The Fed’s final move in 2024: What’s next for the Plastics Industry
The Federal Reserve continued to cut the benchmark interest rate. At today’s Federal Open Market Committee (FOMC) meeting, the 25-basis-point cut lowered the target rate to 4.25%-4.50%. This move signals the Fed’s conviction that inflation is on track toward the 2.0% target and acknowledges credible signs of a cooling labor market.
What Can the Plastics Industry Expect in 2025?
Looking back to December 2023, financial markets interpreted the Federal Reserve’s statement after the FOMC meeting as signaling three rate cuts. While this expectation was fulfilled, the timing and size of the cuts were not predetermined. Predictions that the Fed would reduce rates by 150 basis points did not materialize; today’s rate cut marks a cumulative 100-basis-point reduction this year.
Despite the macroeconomy continuing to expand in 2024, manufacturing and housing experienced another year of slumps due to the high-interest rate environment. For the plastics industry, it appears that an interest rate of 4.0% or higher serves as a “threshold rate,” restricting capital expenditures and new investment projects both upstream and downstream. Plastics production and capacity utilization continued to decline, marked by unsustainable spurts in output.

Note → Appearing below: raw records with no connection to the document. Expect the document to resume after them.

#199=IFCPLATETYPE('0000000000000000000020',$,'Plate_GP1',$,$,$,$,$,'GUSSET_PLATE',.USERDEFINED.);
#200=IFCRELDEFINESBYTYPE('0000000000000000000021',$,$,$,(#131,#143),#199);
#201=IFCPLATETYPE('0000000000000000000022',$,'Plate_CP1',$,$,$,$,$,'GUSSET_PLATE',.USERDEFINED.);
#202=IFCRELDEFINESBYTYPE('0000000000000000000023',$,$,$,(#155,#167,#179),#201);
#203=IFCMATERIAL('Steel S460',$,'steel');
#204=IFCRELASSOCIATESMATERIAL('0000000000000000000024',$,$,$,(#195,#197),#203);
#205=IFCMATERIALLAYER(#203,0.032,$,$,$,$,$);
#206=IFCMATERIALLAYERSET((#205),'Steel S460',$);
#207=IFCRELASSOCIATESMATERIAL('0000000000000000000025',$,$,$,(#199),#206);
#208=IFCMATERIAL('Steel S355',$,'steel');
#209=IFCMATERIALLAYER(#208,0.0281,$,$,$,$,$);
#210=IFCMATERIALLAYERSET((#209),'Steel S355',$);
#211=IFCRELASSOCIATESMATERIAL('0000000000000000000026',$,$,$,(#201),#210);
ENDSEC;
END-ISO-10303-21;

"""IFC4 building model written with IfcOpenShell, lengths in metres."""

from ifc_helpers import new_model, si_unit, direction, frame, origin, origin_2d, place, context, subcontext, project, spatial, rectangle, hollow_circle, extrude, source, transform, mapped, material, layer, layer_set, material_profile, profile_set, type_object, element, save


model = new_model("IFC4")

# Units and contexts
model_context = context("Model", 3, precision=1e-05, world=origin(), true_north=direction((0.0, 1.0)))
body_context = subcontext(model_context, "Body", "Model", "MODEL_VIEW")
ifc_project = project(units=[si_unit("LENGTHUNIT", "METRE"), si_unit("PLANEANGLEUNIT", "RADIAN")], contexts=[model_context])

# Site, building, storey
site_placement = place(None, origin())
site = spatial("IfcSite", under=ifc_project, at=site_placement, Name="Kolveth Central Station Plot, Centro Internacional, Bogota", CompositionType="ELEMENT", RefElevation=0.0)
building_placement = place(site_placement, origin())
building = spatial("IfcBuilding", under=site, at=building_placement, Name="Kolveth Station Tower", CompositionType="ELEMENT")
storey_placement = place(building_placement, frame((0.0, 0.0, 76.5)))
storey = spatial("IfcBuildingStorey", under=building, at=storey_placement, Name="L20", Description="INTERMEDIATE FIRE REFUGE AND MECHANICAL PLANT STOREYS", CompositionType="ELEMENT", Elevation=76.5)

Jerome Powell, Chairman of the Federal Reserve, reiterated the Fed’s reliance on data-driven decision-making in shaping monetary policy. Despite the adjustments, the long-standing view remains that these rate changes aim to achieve a soft landing for the economy in 2025.
Looking ahead, a lower cost of capital in 2025, coupled with a growing economy—albeit at a more moderate pace—should support growth in the plastics industry. It is reasonable to expect that such an environment will foster a recovery in investment spending and production capacity, providing a more favorable landscape for the sector.